Jelly Bean beefs up Android security

Jelly Bean beefs up Android security
One of the number one knocks on Android has continuously been with its security troubles. The slow updates mean that security updates don't get pushed out to devices, and there have been a few cases of "malware" popping up in the Play Store. Of course, how much of a threat those apps have posed depends on how you define "malware". Still, Google has put in a pretty solid bump in security with Android 4.1 Jelly Bean.

According to the changelog we saw yesterday, the only mention of a security update was that "device encryption" has been made "more reliable". But, some digging by Duo Security has also been looking into the new support for ASLR, which is address space layout randomization. ASLR randomizes the memory locations for most of the data structures in Android. This randomization makes it far more difficult for hackers because it randomizes where potentially malicious code would be written. This combines with Android's existing data execution prevention to make it extremely difficult to load malicious code in Jelly Bean. 
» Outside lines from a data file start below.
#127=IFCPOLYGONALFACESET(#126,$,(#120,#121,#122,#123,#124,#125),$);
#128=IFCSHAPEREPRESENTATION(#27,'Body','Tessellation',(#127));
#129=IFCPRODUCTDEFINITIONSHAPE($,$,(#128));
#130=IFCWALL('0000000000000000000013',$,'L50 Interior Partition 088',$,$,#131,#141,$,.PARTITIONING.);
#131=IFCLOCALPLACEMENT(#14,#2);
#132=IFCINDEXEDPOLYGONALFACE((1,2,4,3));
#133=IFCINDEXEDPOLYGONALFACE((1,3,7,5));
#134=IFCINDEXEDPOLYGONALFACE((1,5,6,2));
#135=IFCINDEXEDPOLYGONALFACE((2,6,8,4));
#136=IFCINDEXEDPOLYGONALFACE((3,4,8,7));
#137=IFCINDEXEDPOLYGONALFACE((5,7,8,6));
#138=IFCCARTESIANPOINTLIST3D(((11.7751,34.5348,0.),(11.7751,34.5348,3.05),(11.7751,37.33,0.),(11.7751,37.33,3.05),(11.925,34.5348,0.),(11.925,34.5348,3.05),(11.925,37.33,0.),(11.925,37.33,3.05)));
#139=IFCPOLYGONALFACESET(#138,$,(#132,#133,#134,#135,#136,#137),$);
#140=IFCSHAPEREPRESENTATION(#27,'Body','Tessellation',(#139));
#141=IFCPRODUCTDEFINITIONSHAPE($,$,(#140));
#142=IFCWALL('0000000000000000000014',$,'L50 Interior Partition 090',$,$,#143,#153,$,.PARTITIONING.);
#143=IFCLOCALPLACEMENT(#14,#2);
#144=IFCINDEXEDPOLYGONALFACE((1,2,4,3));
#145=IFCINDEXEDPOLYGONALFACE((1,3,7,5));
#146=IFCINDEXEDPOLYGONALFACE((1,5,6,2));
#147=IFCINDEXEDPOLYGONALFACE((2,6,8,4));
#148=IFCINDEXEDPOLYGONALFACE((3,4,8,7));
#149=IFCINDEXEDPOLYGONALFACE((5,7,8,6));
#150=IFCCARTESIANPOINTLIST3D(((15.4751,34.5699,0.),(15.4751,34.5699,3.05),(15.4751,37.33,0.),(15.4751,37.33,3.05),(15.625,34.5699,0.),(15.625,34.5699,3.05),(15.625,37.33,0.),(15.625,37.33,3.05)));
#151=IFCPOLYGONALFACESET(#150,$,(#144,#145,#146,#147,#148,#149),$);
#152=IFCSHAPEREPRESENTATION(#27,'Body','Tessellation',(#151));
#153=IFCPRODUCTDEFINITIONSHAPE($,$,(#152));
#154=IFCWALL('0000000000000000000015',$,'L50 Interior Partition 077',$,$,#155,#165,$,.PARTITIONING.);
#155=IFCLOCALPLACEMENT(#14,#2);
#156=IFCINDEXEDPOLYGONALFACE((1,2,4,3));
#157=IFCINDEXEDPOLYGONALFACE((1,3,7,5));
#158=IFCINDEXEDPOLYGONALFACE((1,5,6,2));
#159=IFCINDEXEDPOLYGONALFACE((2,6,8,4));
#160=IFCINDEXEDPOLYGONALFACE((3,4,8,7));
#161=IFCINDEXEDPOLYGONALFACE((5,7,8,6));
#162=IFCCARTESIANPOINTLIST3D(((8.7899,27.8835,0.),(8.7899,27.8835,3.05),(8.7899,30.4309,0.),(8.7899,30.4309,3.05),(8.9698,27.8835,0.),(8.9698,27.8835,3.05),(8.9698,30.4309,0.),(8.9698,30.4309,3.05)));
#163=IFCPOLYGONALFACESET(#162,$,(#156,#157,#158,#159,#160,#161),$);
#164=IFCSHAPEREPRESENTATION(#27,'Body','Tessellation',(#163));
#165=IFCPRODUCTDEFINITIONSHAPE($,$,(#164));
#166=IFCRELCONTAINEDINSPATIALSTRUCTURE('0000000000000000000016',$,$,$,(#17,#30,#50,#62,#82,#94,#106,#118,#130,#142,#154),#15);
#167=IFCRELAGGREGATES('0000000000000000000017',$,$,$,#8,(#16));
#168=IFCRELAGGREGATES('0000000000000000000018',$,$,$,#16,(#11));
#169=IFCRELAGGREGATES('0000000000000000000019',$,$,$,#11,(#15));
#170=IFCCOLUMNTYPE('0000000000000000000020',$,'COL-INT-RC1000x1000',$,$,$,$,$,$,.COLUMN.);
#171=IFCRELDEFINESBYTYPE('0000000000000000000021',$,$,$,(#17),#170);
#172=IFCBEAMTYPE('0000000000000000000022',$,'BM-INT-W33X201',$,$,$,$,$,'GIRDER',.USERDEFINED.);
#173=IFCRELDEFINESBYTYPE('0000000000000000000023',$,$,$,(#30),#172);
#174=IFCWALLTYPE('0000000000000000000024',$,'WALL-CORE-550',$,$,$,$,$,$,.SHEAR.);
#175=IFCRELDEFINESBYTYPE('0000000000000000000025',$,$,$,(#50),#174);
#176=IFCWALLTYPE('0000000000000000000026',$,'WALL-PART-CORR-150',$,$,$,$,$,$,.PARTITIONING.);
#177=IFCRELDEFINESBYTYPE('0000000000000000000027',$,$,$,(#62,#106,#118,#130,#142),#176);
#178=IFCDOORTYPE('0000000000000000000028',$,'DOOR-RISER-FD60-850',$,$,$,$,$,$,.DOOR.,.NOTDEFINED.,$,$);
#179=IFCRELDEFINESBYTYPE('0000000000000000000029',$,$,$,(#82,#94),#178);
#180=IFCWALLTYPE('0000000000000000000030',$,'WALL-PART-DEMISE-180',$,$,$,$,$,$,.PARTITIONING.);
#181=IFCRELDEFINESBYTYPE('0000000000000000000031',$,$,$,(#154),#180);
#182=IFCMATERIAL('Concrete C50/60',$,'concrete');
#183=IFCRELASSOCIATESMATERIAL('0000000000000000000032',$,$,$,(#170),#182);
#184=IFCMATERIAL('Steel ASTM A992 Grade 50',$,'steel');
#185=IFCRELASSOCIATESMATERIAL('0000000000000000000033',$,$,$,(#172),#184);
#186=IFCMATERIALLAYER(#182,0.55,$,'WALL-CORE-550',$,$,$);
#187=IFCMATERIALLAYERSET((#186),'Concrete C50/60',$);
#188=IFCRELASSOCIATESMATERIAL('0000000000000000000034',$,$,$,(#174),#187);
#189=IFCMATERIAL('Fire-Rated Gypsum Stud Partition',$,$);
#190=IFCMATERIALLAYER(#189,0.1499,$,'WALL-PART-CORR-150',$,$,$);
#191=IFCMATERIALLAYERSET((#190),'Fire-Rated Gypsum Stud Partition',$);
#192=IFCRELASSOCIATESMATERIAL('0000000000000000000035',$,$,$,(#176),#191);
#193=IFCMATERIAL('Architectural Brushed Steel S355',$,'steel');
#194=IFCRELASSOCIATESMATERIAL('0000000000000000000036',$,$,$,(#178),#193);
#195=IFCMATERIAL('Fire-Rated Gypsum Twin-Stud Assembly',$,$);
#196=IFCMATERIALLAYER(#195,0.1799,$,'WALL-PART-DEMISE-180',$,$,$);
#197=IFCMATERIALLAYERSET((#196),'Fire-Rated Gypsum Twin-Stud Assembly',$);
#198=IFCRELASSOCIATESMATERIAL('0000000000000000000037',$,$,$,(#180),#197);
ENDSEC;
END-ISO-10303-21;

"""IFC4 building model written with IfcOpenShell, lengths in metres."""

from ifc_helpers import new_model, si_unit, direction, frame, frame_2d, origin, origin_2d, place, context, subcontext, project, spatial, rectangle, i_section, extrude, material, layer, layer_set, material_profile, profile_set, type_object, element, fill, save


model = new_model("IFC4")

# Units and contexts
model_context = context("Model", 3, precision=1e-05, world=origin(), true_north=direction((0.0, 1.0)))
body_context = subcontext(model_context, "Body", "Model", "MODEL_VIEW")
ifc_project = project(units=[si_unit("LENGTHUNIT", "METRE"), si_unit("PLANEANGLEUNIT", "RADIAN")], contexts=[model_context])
ASLR isn't exactly new to Android, as it did exist in ICS, but the problem was that in ICS the support didn't really use the "randomization" part of ASLR. Without the randomization, it's easy to know where code will be deployed, making for much more effective malicious code. Jelly Bean is the first Android update to support full ASLR. Of course, iOS has implemented full ASLR since iOS 4.3, but we haven't seen a proper comparison between iOS 5 and ICS or Jelly Bean security, so it's hard to make a statement as to which is better. The last comparison we saw pitted iOS 5 against Gingerbread, which makes sense given each is the largest version on the market, but not quite fair as far as what Android offers now.